In April, she sang "God Bless America" before the start of NASCAR's Crown Royal Heath Calhoun 400 race at Richmond International Raceway. Decked out in stilettos, a silky ensemble, several strands of pearls and her Miss America crown, Cameron made heads turn as she walked through the garage and pit area. (Cameron only wears her crown at official Miss America functions, but she jokes that it would be nice to slip it on when she's standing in a long line for an amusement park ride.)
Tiny in frame — think size 0 and under 5-foot-5 — Cameron doesn't get flustered out in public. When a male NASCAR fan's hand slid a bit too far southward from her waist as a picture was being snapped, she cut a glance toward her tour manager but never flinched.
Still, it's obvious that she enjoys meeting Miss America fans, everyone from seniors to youngsters, taking the time to sign autographs and pose for photos. When asked to name her favorite NASCAR driver during a media session, she smiles and answers in appropriately evenhanded fashion, "As Miss America, I have to be diplomatic." Then with a wide grin and after a wait-for-it pause, she adds, "I hope the best racer wins and that it is a safe race."
Nat Jackson, Cameron's boyfriend of three years, stands in the background of the media room until Cameron leans on hism to slip off her heels and pull on a pair of gold-colored flats. Because many of her recent events have been in Virginia, including a stint as a guest conductor for the Richmond Symphony, he has gotten to see her several times. "I usually only get to see her once or twice a month," he says, noting that being Miss America's boyfriend really hasn't sunk in yet. "It's exciting for me. It does have its perks."

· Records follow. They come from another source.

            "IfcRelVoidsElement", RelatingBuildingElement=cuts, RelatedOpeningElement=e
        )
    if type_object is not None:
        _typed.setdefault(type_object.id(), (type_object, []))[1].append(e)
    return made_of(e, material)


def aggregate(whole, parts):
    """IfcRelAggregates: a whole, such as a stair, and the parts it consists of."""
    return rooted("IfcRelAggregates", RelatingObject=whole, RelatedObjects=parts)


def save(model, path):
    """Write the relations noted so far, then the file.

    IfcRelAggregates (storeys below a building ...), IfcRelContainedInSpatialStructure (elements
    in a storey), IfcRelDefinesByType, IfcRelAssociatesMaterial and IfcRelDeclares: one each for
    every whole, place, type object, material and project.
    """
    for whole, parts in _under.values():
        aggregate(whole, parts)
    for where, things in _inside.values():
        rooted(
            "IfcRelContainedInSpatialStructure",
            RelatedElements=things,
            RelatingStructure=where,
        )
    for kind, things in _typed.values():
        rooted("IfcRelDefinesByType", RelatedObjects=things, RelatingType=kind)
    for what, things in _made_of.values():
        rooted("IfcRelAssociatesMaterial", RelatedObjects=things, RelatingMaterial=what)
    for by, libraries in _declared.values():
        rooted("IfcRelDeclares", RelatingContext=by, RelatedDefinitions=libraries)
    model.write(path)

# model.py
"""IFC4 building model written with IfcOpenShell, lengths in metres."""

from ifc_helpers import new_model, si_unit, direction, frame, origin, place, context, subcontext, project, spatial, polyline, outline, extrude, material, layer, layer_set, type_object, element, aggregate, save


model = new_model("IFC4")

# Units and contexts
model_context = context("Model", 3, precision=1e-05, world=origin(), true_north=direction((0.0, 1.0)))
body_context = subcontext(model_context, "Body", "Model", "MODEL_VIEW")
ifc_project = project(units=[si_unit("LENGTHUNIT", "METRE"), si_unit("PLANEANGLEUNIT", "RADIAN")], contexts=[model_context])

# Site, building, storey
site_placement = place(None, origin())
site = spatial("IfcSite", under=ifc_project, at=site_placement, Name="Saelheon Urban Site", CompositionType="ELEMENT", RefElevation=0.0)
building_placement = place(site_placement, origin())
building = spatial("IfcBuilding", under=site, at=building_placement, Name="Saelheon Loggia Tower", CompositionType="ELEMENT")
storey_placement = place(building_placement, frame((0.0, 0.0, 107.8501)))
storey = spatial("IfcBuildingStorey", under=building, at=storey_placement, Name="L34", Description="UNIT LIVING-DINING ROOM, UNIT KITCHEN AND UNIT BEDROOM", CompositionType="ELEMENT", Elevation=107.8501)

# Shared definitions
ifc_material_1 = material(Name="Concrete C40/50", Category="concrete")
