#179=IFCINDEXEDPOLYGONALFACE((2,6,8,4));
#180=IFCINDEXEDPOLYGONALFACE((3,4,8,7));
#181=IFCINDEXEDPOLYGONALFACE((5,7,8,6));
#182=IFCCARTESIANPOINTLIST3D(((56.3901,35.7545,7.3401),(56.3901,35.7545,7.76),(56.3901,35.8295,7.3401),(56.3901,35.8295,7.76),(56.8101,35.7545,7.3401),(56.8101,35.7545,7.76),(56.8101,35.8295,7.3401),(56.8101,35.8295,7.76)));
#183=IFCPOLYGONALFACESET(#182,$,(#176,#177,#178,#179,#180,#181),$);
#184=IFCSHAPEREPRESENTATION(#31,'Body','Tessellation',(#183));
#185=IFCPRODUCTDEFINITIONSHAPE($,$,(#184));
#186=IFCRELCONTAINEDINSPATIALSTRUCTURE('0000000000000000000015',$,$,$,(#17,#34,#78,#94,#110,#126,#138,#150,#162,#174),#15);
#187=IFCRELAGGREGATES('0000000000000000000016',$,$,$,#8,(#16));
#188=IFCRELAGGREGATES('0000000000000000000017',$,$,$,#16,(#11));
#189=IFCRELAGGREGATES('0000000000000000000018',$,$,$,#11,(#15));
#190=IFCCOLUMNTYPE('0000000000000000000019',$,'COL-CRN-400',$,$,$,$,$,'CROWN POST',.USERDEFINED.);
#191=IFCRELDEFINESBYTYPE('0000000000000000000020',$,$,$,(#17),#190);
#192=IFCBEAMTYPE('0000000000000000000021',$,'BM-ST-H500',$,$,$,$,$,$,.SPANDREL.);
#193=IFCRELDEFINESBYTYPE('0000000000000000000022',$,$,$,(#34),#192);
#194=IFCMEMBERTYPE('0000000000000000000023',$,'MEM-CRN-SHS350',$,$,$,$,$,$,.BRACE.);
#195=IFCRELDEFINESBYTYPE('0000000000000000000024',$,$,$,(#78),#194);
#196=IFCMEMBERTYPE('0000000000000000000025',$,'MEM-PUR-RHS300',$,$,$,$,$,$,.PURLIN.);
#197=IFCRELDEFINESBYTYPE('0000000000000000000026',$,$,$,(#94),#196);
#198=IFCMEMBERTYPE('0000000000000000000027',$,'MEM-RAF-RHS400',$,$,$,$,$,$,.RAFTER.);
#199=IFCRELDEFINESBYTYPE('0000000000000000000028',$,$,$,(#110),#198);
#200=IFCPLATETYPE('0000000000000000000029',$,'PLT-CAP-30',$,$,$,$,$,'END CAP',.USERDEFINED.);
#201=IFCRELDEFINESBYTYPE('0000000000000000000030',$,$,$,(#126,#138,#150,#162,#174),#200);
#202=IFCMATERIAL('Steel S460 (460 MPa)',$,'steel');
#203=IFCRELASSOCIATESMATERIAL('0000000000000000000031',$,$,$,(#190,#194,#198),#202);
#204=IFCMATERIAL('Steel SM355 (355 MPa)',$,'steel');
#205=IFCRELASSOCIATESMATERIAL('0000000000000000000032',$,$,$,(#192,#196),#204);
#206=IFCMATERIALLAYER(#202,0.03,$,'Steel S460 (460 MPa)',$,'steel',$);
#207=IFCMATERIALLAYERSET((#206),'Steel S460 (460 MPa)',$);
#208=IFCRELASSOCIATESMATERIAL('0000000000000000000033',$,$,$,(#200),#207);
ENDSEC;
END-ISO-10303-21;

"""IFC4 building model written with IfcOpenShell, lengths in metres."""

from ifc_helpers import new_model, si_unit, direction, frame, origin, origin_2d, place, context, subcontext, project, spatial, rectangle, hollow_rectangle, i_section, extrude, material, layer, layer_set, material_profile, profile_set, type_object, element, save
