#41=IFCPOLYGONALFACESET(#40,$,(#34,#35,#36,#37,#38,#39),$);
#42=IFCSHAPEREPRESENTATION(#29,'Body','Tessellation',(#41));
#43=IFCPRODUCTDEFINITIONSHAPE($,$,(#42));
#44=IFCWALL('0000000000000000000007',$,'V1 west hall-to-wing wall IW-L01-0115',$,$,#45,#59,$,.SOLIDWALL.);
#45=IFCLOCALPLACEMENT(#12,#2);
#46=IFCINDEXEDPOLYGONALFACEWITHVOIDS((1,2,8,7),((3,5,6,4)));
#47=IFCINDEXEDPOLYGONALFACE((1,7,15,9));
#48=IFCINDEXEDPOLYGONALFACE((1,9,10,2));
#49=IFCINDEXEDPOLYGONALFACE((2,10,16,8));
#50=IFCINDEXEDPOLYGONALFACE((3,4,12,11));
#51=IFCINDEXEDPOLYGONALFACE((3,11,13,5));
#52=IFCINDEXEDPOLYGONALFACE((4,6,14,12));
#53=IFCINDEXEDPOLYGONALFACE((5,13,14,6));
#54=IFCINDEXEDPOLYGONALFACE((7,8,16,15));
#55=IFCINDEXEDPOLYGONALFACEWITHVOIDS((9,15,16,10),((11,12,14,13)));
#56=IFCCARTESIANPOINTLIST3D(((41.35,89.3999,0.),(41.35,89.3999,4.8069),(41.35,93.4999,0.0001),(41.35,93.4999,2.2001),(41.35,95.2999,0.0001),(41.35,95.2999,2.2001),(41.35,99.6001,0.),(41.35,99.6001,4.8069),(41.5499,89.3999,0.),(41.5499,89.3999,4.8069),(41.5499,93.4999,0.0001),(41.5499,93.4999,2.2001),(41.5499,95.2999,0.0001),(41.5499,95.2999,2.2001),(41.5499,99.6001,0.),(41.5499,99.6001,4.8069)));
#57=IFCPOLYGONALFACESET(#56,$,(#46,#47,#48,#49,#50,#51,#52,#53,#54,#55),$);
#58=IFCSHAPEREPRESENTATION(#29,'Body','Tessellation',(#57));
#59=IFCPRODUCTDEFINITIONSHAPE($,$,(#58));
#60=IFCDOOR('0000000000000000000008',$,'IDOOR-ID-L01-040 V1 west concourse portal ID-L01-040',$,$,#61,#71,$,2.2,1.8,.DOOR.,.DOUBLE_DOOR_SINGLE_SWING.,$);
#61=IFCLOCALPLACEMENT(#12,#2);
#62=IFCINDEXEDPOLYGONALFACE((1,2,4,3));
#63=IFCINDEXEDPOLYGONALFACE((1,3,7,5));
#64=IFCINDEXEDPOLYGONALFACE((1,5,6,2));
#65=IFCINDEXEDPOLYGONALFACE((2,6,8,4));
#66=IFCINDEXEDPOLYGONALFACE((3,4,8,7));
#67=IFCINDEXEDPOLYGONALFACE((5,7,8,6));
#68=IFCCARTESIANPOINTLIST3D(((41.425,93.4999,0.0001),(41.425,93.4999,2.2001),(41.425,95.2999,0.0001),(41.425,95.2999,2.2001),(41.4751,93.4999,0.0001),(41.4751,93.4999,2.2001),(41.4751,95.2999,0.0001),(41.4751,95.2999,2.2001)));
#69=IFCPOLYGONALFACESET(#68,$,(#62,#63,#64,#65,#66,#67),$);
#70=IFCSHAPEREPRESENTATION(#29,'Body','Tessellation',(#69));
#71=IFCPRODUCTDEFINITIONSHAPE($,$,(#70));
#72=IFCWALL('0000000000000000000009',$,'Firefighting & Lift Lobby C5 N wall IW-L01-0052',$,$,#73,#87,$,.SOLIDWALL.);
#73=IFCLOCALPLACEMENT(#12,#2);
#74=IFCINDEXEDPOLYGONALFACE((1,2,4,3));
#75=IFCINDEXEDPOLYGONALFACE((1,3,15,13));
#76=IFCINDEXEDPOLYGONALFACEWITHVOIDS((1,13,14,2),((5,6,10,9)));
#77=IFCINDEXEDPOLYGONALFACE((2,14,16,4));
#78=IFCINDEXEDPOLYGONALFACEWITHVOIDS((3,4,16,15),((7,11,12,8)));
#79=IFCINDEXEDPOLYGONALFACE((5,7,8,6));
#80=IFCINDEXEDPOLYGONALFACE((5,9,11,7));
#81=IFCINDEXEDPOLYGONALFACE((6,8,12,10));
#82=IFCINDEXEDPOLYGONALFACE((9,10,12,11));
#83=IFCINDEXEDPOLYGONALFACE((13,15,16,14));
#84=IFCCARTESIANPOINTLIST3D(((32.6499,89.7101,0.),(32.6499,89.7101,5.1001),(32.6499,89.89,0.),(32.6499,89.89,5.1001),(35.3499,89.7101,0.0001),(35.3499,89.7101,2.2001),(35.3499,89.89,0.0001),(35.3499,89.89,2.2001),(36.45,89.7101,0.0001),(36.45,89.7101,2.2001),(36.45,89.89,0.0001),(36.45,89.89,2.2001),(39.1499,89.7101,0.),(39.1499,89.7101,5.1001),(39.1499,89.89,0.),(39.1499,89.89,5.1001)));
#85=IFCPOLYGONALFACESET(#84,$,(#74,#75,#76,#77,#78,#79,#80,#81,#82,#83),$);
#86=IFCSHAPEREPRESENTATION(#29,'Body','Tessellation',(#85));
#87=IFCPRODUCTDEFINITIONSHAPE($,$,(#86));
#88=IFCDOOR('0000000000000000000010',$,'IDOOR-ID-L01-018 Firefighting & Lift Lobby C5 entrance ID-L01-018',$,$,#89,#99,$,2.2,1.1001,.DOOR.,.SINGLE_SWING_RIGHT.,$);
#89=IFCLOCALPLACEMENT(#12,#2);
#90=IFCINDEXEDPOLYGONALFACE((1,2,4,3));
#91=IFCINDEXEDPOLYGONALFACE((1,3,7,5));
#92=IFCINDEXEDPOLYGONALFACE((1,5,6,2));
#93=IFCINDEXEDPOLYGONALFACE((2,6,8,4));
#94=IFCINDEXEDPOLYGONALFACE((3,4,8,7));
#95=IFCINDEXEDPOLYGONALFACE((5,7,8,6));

Now on a yearlong leave from VCU, Cameron plans to head back to school after her reign ends to get not only her bachelor's but also a master's degree. And of course she hopes that the education she's getting during her reign as Miss America will help open career doors for her. "The amount of people I get to meet and the [TV studios] I get to see are experiences I couldn't pay for," Cameron says.
As far as this Miss America's popularity goes, just ask the NASCAR fan who nearly toppled over a gate trying to text his wife so she could leave her seat in the stands and come get her photo taken with Cameron. Or his wife, who made the dash down the steps and across the track just in time.